Any therapist could become a target. That was why she’d been careful to keep an unlisted address, and why she’d chosen to live in a security building.

Three of her current patients had shown occasional violent tendencies. Nothing like this, though. And none of the three had those chilly blue eyes.

Well, maybe he was someone she’d treated years ago, during her internship at a psychology clinic downtown. Or one of the numberless transients she’d met while doing pro bono work at the local shelters-sad, lost men whose faces she never would remember, because they were all alike.

Her speculations led nowhere. His identity was unguessable, and without knowing who he was, she couldn’t know his intention in abducting her. But on that point she had to assume the worst.

Had to assume he meant to kill her.

Twisting her wrists, she tried to loosen the cord that secured them. The bristly scrape of the binding against her skin told her that he had tied her hands with rope. Thick, stiff rope lashed around her wrists in multiple coils, python-snug.

She had seen a calf trussed once at a rodeo, its hooves bound with a cowboy’s lasso. Though she had pitied the bleating animal, she had never imagined one day sharing its fate.

Even its ultimate fate? To be led to slaughter, to sag under a butcher’s saw?

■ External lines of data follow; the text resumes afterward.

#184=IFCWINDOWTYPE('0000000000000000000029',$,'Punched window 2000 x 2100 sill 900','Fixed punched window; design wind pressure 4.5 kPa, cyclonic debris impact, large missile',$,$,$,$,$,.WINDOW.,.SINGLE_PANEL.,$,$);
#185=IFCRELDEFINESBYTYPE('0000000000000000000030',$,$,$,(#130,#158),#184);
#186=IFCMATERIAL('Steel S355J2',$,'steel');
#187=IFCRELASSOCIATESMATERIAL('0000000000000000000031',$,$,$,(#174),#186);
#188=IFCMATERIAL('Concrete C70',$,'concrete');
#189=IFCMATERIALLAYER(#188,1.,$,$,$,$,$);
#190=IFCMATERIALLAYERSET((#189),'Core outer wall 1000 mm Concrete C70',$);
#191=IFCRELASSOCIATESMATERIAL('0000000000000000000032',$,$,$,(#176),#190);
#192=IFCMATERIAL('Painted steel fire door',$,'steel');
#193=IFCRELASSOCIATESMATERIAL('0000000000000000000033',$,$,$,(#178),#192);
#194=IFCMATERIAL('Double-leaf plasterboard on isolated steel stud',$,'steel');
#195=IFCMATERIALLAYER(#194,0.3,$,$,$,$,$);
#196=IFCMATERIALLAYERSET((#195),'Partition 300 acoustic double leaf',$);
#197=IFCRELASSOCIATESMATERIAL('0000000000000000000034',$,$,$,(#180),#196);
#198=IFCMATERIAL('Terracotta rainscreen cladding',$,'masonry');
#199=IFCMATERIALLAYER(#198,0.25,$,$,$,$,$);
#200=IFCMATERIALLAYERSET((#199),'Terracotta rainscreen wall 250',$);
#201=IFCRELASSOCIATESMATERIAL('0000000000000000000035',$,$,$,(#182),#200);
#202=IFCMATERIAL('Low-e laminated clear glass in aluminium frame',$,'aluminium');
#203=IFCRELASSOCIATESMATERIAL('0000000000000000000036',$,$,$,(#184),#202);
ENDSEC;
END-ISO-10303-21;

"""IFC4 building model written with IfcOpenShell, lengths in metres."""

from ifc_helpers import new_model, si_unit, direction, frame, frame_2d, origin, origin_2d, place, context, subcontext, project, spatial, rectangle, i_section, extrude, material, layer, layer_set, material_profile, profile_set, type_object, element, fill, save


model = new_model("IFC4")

The sticky stuff sealing her lips was tape. If she could lift her hands to her face, she could untape her mouth, then chew at the rope on her wrists until possibly the knot came undone.

But her arms wouldn’t move. They were pinned to her right thigh by another loop of rope, knotted so tightly it threatened to cut off the circulation in her leg. She was unable to work it loose.

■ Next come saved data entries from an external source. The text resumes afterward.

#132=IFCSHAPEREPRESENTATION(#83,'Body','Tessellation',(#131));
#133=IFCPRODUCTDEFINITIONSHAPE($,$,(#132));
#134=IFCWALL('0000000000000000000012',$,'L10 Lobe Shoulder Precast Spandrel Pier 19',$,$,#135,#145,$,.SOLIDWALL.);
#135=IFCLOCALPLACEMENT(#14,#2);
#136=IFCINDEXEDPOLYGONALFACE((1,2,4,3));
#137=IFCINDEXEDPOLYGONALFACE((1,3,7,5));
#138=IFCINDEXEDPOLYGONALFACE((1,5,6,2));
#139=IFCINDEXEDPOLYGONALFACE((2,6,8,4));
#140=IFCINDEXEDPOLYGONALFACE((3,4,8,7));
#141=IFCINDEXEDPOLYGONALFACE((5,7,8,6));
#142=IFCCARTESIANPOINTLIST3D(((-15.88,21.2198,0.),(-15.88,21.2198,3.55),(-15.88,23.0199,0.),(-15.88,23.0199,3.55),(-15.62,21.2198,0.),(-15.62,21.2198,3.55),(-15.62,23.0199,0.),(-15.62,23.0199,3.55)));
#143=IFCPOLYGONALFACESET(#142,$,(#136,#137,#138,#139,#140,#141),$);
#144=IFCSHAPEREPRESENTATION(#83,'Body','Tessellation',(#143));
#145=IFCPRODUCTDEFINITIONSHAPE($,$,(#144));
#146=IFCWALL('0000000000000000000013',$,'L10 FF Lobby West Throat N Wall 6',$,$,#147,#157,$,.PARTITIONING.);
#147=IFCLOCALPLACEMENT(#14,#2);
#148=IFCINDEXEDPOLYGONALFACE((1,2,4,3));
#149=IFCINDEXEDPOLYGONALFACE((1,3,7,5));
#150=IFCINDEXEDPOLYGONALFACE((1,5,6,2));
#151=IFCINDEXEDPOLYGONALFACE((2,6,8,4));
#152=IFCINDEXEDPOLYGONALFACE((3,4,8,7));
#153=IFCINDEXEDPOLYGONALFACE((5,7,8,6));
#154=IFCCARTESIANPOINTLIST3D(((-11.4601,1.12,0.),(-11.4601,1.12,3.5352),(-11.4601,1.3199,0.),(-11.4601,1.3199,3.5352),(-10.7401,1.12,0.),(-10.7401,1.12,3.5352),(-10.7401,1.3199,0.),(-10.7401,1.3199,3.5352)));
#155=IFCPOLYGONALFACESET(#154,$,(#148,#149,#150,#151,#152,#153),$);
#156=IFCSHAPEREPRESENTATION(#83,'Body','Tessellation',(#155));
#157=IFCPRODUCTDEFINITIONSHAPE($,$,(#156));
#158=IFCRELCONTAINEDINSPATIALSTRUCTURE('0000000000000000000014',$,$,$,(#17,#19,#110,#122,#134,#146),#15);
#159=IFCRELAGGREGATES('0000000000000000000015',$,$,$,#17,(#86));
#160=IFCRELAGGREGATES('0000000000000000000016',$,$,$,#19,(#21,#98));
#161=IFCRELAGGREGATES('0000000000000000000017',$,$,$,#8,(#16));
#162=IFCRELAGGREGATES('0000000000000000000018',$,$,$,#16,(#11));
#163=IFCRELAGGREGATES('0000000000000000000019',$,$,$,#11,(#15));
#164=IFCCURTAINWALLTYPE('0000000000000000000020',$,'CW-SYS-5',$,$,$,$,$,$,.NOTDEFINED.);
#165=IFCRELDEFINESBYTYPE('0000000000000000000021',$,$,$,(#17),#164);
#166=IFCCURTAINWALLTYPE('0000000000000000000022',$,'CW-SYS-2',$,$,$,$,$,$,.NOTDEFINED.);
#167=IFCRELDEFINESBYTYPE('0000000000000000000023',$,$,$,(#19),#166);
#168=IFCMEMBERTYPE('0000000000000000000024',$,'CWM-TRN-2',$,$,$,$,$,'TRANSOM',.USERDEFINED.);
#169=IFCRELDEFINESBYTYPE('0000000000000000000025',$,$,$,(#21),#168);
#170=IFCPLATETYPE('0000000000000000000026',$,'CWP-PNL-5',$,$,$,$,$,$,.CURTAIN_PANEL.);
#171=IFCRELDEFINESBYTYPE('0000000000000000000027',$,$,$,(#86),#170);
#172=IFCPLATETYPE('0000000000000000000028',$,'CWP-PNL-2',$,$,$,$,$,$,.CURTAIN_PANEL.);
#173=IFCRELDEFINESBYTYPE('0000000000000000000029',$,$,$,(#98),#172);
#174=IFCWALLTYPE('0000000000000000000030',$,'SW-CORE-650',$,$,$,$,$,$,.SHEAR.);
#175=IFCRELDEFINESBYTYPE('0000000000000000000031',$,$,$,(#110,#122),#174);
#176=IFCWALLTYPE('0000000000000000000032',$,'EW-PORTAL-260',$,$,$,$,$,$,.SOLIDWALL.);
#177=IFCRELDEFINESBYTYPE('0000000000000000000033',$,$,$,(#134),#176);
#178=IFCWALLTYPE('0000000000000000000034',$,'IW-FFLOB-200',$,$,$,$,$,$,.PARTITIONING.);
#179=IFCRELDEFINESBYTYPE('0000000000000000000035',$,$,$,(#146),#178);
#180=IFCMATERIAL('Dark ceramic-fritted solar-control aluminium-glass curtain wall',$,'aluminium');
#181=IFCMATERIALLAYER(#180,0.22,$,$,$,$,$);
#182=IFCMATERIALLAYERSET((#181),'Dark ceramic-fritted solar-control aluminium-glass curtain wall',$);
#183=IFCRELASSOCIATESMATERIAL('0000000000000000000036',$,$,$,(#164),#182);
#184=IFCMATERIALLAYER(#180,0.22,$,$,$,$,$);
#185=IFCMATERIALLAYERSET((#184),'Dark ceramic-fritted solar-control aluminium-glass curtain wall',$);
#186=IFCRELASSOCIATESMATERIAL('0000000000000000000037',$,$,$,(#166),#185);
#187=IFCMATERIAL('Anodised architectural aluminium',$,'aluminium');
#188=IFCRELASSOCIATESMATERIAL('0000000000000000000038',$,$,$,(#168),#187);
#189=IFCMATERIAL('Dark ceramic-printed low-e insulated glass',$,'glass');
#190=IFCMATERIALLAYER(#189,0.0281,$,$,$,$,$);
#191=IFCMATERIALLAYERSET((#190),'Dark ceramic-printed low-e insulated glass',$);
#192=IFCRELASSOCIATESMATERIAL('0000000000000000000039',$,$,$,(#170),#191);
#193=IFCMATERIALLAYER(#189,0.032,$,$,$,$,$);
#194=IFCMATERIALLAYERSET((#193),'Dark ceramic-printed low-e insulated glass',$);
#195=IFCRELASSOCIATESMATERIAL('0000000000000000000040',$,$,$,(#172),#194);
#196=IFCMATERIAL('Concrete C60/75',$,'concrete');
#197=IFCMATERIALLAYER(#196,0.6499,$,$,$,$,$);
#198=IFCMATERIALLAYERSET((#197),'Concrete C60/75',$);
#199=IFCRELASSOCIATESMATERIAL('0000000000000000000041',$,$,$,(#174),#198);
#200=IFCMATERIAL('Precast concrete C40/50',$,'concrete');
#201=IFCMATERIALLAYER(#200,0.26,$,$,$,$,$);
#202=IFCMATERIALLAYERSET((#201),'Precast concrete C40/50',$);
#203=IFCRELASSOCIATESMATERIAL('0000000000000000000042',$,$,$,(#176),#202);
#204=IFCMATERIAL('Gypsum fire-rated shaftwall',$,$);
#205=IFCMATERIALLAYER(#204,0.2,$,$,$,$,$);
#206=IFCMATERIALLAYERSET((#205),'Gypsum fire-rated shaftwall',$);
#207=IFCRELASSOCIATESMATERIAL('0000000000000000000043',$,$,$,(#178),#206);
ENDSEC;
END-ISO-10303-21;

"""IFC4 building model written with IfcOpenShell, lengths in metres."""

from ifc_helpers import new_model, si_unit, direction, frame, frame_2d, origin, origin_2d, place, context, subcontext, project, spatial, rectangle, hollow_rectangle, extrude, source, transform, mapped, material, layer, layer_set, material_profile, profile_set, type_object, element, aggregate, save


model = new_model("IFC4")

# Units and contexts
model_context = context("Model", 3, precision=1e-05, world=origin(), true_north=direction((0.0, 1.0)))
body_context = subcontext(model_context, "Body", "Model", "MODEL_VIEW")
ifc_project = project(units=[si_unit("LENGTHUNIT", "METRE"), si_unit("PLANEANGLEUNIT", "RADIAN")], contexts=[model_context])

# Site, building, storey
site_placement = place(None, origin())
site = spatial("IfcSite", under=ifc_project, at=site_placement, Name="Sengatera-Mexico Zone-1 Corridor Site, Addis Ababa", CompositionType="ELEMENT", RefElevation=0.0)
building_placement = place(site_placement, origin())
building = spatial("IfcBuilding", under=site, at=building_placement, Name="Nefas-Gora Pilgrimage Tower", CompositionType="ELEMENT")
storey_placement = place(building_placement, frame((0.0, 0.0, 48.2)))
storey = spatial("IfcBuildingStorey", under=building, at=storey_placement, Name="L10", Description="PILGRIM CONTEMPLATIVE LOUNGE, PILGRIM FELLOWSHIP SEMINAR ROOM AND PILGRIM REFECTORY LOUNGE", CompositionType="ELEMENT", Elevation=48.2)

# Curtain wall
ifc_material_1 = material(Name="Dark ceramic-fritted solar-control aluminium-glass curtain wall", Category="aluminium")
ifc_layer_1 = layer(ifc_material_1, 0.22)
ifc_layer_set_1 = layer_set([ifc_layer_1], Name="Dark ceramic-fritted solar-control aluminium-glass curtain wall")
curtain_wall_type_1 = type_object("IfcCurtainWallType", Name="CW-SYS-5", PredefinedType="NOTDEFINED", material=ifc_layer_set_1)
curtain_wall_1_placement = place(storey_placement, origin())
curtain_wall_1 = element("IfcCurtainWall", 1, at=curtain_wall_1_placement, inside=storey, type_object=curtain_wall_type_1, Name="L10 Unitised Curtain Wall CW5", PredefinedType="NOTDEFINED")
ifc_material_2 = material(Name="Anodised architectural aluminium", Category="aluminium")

Bending at the waist, she tried to bring her head closer to her hands, close enough that she could at least raise the blindfold.

No use. She would have to be a contortionist to do it.

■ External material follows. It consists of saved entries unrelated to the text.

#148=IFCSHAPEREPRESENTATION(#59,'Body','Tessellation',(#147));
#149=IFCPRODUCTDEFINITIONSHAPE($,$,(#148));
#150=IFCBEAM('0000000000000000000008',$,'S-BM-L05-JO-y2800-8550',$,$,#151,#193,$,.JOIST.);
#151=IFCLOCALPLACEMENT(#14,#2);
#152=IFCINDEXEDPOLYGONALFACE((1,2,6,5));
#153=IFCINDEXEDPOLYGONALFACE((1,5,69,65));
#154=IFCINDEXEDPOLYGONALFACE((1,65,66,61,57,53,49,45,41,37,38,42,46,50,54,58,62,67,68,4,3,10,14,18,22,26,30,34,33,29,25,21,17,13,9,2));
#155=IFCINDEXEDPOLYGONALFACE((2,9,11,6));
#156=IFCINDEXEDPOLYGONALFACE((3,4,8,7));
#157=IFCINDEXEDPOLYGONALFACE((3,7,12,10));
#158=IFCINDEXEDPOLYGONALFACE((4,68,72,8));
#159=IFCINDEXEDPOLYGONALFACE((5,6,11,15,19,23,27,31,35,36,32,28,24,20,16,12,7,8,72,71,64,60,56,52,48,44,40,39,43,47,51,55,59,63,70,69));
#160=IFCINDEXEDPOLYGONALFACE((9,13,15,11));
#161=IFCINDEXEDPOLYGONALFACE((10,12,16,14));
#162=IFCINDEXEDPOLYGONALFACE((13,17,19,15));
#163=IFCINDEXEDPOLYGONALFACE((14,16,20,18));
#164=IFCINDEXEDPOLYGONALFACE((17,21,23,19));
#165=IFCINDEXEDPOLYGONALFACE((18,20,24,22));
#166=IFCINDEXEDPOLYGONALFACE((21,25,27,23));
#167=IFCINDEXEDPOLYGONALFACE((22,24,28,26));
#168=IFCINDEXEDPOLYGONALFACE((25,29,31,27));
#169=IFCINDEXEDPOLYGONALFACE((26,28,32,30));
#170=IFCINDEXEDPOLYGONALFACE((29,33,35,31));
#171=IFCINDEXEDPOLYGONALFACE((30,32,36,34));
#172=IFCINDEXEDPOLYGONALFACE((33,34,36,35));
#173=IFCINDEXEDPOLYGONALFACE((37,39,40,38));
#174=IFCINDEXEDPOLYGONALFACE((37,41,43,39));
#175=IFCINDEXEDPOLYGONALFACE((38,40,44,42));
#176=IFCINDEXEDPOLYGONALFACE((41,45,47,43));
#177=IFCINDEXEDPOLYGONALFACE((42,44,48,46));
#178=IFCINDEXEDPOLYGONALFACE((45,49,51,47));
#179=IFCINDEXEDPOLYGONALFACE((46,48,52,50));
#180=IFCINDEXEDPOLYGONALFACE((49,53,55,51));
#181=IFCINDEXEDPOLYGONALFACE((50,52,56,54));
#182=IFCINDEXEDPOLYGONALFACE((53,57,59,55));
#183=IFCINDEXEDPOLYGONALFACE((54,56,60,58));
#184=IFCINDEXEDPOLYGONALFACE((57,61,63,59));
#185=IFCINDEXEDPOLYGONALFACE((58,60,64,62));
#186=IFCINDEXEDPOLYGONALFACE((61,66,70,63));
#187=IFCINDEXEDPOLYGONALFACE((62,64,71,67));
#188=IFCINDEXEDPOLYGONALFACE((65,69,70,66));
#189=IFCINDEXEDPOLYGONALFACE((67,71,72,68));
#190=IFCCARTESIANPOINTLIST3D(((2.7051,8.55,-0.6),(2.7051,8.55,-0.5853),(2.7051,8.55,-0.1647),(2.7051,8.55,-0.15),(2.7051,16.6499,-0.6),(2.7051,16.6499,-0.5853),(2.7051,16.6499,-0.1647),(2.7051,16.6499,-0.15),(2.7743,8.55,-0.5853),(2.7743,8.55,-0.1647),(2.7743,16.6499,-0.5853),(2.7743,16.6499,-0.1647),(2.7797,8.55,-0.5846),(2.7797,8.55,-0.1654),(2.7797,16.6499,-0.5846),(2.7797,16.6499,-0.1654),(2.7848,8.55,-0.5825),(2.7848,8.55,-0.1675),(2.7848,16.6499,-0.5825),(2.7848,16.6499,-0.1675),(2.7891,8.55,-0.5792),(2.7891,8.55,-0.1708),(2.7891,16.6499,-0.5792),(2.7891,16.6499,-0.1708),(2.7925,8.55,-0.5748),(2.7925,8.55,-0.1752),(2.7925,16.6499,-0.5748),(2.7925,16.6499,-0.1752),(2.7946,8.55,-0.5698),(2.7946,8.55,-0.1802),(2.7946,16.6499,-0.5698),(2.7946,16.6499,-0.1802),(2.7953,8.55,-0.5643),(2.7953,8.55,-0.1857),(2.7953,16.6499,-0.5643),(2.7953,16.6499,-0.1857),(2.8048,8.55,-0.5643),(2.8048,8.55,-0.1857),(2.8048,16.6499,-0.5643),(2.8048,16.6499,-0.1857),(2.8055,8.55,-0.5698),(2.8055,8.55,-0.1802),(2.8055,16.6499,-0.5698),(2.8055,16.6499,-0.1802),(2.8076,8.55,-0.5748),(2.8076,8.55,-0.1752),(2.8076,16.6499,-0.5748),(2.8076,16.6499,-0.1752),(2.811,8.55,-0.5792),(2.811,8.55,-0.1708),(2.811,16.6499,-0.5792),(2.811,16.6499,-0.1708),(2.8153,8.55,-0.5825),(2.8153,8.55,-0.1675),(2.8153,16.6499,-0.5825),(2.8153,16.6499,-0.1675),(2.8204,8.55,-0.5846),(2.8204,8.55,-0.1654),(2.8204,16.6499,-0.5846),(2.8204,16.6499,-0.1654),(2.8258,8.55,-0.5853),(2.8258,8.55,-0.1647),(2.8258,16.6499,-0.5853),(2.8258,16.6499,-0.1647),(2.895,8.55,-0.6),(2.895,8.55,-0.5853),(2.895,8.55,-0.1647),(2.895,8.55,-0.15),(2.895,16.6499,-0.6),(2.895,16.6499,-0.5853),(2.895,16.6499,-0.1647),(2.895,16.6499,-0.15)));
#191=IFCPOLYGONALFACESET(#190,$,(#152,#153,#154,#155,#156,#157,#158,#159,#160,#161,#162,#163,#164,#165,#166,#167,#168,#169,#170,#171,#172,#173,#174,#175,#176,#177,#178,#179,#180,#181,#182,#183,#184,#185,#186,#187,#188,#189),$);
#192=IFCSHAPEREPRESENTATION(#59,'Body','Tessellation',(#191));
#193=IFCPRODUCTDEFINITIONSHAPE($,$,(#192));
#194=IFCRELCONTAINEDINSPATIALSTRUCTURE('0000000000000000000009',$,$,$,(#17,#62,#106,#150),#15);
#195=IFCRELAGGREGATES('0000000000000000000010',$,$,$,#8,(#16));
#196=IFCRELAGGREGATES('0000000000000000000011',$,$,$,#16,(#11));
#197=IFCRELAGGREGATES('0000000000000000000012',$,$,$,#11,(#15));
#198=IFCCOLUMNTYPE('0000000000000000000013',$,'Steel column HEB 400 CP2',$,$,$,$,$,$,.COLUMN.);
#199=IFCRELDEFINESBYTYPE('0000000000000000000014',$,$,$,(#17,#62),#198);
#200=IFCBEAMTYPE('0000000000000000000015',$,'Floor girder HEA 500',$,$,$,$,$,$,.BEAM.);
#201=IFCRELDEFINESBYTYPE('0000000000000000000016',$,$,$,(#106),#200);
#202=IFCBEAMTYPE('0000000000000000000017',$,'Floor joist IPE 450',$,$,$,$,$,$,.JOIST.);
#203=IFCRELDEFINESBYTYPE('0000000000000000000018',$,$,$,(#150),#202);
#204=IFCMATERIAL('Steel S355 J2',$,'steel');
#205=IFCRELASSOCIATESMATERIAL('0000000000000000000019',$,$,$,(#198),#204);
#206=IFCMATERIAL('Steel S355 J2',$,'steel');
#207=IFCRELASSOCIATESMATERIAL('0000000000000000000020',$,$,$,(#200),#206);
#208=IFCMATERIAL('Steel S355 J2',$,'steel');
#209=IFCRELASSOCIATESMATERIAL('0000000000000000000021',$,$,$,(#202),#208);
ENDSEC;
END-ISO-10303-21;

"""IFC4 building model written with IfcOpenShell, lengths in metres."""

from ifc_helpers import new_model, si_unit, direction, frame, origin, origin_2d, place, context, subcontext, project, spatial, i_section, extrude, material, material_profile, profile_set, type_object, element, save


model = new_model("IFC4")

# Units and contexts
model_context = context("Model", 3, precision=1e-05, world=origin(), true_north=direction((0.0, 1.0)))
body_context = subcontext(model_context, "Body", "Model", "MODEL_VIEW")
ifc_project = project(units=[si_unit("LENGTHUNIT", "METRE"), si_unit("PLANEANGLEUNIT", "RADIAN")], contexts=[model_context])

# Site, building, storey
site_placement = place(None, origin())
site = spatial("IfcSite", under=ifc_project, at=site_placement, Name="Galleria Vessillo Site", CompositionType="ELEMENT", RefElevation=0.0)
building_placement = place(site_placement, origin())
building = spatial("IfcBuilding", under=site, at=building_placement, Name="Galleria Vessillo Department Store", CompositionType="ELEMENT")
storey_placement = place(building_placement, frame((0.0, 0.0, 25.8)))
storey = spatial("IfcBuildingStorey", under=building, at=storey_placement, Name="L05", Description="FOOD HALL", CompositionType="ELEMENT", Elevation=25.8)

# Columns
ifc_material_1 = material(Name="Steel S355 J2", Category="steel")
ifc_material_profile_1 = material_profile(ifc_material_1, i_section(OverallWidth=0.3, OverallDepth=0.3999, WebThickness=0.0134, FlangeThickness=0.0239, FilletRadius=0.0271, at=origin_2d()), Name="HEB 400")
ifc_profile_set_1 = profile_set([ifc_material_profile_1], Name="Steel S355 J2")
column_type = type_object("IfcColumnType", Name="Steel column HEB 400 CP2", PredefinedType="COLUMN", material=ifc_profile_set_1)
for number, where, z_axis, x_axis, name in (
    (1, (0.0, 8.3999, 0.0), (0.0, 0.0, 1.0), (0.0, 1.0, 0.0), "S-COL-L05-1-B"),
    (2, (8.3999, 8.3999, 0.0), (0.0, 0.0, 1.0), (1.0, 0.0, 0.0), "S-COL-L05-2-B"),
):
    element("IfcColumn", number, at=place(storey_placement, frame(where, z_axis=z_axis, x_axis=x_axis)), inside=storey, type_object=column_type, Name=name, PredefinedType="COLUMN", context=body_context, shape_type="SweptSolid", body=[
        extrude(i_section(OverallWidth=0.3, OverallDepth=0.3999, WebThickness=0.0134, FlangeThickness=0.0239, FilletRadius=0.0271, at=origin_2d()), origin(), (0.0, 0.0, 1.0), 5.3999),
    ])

Never had she been so vulnerable, so completely powerless. Even in her parents’ house on that August night twenty-three years ago, she’d been able to take action, fight for survival.

The noise in her throat was a choked moan.

Erin prayed that her sister wasn’t with her. Prayed that the voice over the intercom had been only a trick, and Annie was safe at home.

She wanted one of them, at least, to survive this night.

6

The van’s high beams splashed white light across a blur of macadam and roadside mesquite shrubs as Harold Gund sped south on Houghton Road.

He wondered if Erin was alert yet. The others had recovered quickly from the incapacitating shock. All three had been fully conscious when he’d carried them into the wilderness and hammered the stakes into the ground.

The memory of those women, of what he had done to them in the woods, made him feel…

But he didn’t know how he felt.

His hands gripped the steering wheel, the knuckles squeezed bloodless. From this clue he surmised that what he felt was fury.

Fury at himself? Or at the women, for having been so damnably easy to abduct? Or at a world that could make possible a thing like him? And what kind of thing was that?

He had no answers to these questions. Introspection was unknown to him. When he looked inside himself, he saw only darkness, as deep and still as the desert gloom.

His turnoff was coming up shortly. He cut his speed a bit and leaned forward, eyes narrowed. The unmarked side road would be easy to miss, especially in this dark landscape devoid of variation, this infinite sweep of sameness.

He wondered how many little lives were fated to be snuffed out tonight in the expanse of brush and weeds around him. How many cactus wrens would be plucked from their nests, how many rabbits would perish in their burrows? Even now, among the gnarled trees and glistening cacti, warm blood was being spilled, moist flesh tasted.

He was not so different from the rest of creation. Perhaps it was the safely civilized members of the human species who were unnatural, not he.

Or perhaps not.

He shook his head, defeated, as always, by the enigma of himself.

Sometimes he listened to the TV specials that promised to explain men like him, hoping for insight. So far he had been disappointed.

The experts consulted by the police and the media were fools. Possibly they knew something about others of his kind, but of him they understood nothing.